Sebelumnya, Ketua KPK Agus Rahardjo diminta menjadi salah satu panelis pada debat tersebut.
Agus menyatakan ketidakhadirannya itu agar tidak terkesan ditarik ke politik. Namun, kata dia, KPK siap berkontribusi dan membantu soal materi debat tersebut.
Oleh kerena itu, KPK akan tetap membahas bersama-sama dan ikut menyarankan rekomendasi-rekomendasi materi yang akan dibahas nantinya karena substansinya penting soal isu korupsi.
Febri menyatakan jika tidak hadir sama sekali dan tidak ikut membahas substansi maka lembaganya khawatir ada informasi-informasi penting yang dimiliki oleh KPK tidak tersampaikan atau tidak dibahas.
Sebagai contoh, soal kasus-kasus yang pernah ditangani KPK terutama sektor strategis, yaitu Sumber Daya Alam (SDA) dan penerimaan negara. Selain itu, juga kajian-kajian yang pernah dilakukan oleh KPK.

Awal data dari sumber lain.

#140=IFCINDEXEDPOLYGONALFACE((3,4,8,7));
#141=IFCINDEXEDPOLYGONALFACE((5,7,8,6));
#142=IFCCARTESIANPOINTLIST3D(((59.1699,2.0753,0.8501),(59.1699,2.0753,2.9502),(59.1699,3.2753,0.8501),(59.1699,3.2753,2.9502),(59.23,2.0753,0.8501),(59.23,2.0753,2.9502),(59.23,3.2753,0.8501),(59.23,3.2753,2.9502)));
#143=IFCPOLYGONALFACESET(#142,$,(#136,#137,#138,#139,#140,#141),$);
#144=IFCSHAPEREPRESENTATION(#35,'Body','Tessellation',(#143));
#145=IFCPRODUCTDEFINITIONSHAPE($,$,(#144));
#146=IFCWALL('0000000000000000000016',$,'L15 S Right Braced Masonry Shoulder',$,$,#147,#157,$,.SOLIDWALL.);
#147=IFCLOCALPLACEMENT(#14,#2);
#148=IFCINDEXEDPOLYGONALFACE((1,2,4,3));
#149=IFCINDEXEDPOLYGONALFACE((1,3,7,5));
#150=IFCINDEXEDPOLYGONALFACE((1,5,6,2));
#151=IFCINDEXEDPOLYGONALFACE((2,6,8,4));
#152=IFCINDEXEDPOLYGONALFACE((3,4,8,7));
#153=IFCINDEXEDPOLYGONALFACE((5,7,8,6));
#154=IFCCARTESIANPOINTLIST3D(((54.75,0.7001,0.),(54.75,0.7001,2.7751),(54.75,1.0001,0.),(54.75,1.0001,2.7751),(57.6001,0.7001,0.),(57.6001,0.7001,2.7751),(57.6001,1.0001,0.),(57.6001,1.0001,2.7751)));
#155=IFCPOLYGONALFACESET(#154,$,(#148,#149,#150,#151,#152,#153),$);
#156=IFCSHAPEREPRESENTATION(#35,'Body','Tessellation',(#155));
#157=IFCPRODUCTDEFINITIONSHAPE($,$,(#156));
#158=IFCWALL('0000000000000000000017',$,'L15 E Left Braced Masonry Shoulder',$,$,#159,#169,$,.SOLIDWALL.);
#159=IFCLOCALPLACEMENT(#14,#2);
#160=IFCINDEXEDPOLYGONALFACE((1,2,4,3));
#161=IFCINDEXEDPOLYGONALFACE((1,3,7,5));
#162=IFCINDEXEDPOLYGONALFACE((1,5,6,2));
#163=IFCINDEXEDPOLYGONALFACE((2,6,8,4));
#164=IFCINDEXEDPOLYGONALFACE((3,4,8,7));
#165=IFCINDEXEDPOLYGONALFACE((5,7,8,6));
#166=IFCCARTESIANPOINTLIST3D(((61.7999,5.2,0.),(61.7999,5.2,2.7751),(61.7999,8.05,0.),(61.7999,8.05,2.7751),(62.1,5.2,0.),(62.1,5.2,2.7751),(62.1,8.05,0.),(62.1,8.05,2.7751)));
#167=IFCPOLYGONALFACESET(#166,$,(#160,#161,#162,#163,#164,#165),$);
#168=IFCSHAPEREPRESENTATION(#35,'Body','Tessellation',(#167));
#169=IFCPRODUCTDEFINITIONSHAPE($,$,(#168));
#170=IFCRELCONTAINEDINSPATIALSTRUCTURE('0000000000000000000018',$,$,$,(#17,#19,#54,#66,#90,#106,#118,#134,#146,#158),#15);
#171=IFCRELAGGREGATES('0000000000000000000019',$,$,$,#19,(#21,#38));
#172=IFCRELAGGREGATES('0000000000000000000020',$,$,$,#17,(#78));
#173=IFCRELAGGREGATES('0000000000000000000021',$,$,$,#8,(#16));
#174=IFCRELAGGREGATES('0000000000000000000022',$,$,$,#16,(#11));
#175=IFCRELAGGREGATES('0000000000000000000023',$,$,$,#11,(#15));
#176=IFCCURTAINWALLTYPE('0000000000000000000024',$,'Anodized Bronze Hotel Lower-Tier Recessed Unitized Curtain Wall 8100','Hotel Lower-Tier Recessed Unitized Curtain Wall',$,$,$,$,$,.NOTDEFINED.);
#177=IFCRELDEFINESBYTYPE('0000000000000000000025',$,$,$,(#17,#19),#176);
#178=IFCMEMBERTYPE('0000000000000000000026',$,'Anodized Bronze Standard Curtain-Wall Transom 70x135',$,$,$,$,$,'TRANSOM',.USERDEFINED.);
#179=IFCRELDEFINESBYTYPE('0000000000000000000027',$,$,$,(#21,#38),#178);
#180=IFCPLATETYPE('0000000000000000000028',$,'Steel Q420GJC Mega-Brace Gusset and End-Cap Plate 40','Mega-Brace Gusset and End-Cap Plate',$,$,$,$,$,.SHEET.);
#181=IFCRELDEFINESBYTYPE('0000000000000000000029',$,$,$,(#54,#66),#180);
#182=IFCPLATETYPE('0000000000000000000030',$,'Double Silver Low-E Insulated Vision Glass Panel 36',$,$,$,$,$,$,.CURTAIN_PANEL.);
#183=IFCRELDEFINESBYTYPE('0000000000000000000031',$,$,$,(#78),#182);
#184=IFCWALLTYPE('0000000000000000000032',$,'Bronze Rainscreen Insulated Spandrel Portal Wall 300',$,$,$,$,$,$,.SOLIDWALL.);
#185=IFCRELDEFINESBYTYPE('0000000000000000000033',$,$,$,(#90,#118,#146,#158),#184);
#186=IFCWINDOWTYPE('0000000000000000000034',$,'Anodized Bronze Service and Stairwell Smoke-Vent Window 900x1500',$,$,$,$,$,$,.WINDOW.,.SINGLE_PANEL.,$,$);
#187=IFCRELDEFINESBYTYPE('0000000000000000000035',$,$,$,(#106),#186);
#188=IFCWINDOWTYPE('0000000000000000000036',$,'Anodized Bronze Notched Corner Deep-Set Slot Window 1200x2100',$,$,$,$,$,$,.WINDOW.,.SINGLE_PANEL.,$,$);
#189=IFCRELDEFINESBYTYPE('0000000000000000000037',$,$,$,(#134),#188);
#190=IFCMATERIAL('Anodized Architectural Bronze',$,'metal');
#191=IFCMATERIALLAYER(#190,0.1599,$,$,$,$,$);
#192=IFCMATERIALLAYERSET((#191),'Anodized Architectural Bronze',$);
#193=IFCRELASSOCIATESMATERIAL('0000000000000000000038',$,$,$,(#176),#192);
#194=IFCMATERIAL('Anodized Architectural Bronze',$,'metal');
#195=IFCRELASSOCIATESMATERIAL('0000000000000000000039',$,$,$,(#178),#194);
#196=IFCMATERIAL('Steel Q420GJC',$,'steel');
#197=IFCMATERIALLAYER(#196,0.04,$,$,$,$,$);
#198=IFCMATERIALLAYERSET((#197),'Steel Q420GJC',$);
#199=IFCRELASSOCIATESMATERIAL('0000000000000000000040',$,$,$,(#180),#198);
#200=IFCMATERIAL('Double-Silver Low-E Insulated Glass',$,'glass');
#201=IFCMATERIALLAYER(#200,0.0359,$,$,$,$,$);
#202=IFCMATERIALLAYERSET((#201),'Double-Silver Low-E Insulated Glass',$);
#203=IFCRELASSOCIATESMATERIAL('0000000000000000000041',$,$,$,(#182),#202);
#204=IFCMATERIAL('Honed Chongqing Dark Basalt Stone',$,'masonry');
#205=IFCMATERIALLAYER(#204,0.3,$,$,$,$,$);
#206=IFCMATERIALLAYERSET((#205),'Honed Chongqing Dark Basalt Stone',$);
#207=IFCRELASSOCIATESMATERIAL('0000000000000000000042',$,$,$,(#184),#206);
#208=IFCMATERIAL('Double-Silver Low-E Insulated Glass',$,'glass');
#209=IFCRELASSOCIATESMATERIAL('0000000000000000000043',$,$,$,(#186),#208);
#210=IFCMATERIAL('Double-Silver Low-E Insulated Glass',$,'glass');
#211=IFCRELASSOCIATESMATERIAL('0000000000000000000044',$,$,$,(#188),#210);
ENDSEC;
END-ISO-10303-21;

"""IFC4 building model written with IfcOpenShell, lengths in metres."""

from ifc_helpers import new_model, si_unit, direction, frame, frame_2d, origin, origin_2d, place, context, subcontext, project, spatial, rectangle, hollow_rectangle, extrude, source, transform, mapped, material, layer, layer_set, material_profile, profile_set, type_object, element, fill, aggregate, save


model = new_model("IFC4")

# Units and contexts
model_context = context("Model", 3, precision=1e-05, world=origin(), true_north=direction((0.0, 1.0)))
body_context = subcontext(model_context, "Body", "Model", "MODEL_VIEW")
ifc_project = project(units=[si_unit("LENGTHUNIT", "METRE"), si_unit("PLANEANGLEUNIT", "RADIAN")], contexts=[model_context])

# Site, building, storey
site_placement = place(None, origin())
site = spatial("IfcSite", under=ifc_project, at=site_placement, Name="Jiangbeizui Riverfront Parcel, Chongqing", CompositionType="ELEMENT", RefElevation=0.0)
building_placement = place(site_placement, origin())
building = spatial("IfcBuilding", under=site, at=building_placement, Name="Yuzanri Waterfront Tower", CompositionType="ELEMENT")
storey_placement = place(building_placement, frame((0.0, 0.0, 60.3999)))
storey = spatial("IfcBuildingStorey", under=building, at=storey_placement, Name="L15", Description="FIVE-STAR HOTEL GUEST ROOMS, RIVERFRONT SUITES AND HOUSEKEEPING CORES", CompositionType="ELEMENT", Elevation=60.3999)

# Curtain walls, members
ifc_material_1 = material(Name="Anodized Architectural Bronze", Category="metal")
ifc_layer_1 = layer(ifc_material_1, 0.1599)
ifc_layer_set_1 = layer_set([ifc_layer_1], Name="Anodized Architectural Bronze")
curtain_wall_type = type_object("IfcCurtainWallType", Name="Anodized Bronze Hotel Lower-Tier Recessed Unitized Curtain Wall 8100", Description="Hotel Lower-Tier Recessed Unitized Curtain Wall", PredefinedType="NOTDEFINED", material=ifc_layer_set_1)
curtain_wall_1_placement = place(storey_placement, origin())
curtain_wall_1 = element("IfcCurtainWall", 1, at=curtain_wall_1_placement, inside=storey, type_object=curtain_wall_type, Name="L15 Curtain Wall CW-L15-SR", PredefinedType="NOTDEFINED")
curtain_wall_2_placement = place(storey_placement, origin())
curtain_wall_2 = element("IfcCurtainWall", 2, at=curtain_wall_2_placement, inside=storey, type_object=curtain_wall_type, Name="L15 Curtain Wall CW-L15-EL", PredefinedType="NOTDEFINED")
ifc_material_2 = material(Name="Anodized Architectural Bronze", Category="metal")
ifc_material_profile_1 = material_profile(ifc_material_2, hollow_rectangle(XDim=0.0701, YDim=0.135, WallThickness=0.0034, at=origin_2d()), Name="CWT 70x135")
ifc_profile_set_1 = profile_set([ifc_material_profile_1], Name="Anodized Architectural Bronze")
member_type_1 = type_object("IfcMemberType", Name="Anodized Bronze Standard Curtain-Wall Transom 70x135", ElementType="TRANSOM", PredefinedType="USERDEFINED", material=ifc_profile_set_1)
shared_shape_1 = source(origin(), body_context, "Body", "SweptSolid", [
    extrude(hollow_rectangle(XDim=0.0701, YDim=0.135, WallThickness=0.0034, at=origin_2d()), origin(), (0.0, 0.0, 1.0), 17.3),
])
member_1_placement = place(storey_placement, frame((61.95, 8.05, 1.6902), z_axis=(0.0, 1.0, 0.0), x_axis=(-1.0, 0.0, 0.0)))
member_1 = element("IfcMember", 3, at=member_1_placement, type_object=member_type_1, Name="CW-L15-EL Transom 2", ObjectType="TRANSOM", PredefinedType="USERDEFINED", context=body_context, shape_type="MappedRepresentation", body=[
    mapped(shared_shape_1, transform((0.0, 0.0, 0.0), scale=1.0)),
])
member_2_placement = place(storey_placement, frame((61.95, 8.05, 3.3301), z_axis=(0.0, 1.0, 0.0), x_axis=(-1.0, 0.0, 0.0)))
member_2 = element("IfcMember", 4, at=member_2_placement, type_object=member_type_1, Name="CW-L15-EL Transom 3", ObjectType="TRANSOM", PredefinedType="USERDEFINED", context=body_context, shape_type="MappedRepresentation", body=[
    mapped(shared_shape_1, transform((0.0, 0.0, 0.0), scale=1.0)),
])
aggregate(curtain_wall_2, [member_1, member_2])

KPU pun pada akhirnya menetapkan lima orang sebagai panelis dalam debat pertama tersebut, yaitu Guru Besar Fakultas Hukum Universitas Indonesia Hikmahanto Juwana, mantan Ketua Mahkamah Agung Bagir Manan, Ahli Hukum Tata Negara Bivitri Susanti, Ahli Hukum Tata Negera Margarito Kamis, dan Ketua Komnas HAM Ahmad Taufan Damanik.
Sebelumnya, KPU mencoret mantan Wakil Ketua KPK Bambang Widjojanto dan Koordinator Indonesia Corruption Watch (ICW) Adnan Topan Husodo dari daftar panelis.
Poin Penting
Terdapat 10 poin yang dipandang KPK perlu dibahas dan diharapkan dapat menjadi perhatian kita semua, khususnya para calon Presiden atau Wakil Presiden RI.

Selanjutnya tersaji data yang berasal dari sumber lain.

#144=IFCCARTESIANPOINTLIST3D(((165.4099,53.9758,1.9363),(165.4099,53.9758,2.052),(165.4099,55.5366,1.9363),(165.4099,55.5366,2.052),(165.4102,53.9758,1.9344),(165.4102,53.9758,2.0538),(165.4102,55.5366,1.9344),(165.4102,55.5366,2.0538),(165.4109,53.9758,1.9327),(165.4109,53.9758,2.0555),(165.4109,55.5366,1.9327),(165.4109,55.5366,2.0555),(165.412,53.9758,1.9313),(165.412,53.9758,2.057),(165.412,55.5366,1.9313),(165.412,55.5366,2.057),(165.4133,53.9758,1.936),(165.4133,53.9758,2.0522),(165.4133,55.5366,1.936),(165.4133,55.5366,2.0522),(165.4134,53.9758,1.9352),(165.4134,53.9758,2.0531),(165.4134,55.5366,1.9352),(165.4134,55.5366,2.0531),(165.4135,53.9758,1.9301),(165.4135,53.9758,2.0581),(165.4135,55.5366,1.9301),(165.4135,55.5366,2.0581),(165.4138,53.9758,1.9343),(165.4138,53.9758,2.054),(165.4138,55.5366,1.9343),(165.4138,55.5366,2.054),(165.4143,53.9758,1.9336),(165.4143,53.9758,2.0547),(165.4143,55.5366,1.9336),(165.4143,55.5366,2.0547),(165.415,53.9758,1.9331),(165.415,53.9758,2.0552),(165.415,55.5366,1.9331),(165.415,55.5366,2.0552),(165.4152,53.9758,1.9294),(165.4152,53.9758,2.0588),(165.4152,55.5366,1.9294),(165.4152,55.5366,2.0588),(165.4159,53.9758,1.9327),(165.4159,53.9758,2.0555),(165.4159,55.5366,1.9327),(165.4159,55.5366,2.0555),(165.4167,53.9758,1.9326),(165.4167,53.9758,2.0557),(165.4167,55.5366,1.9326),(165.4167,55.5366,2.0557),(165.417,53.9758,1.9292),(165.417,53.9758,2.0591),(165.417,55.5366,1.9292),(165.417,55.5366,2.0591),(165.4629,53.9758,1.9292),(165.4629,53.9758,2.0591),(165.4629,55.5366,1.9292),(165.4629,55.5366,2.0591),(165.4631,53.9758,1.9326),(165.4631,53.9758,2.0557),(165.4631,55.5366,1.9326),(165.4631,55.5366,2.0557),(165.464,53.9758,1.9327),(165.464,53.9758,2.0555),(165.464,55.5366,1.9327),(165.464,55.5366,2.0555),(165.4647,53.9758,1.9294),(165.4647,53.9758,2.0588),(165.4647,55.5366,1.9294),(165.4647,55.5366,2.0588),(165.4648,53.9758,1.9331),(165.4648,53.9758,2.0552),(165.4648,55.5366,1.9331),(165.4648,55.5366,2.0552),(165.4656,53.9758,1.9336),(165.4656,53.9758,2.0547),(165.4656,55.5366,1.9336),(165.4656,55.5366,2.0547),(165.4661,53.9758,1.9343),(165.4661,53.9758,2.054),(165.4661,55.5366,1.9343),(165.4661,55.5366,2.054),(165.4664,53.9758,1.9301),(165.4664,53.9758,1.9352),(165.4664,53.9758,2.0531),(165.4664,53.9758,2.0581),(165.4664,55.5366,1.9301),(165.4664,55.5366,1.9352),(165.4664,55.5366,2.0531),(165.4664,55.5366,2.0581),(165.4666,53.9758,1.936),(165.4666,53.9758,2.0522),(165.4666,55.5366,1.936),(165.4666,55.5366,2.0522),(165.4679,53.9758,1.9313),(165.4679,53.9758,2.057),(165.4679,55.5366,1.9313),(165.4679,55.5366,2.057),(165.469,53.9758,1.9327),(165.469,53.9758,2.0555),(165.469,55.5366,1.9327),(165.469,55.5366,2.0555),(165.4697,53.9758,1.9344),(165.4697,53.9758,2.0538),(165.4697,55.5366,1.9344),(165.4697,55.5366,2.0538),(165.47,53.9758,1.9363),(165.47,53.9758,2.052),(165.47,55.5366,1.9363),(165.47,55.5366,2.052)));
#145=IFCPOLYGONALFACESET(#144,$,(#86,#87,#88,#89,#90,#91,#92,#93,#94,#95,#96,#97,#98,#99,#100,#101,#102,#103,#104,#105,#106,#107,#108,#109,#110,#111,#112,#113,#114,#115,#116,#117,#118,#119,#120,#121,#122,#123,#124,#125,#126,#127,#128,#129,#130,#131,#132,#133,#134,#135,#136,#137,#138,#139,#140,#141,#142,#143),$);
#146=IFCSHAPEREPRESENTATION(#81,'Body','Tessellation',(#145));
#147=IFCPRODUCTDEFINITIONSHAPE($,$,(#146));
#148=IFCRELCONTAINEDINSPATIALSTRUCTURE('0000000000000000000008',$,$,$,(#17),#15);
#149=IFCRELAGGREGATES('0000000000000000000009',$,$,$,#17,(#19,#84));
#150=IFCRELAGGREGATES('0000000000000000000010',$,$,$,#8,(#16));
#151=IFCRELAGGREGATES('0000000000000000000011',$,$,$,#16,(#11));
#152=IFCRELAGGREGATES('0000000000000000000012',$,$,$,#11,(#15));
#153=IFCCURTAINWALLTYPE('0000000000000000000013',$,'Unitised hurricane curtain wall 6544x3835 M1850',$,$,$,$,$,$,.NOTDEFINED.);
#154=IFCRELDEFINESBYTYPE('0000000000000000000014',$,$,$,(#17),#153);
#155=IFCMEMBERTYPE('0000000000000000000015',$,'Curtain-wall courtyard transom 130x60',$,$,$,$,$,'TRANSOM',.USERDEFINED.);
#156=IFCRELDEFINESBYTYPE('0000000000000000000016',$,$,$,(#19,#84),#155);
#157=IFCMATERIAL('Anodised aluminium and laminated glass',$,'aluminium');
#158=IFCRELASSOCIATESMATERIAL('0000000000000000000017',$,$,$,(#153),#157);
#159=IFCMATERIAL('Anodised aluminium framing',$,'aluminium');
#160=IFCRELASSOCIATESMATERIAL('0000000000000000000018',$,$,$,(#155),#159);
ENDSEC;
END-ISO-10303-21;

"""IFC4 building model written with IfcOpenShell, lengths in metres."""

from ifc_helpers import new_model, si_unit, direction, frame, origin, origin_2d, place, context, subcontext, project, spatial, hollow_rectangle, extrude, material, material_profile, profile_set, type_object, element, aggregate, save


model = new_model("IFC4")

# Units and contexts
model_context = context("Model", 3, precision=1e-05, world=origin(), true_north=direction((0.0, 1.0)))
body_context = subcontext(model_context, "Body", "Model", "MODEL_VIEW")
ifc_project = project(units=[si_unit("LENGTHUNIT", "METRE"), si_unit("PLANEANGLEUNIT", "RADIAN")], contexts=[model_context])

Pertama, memperkuat landasan hukum pemberantasan korupsi ke depan melalui perubahan UU Tindak Pidana Korupsi.
Hal itu juga perlu dilakukan sesuai standar internasional sebagaimana United Nations Convention against Corruption (UNCAC) yang telah disahkan melalui UU Nomor 7 Tahun 2006.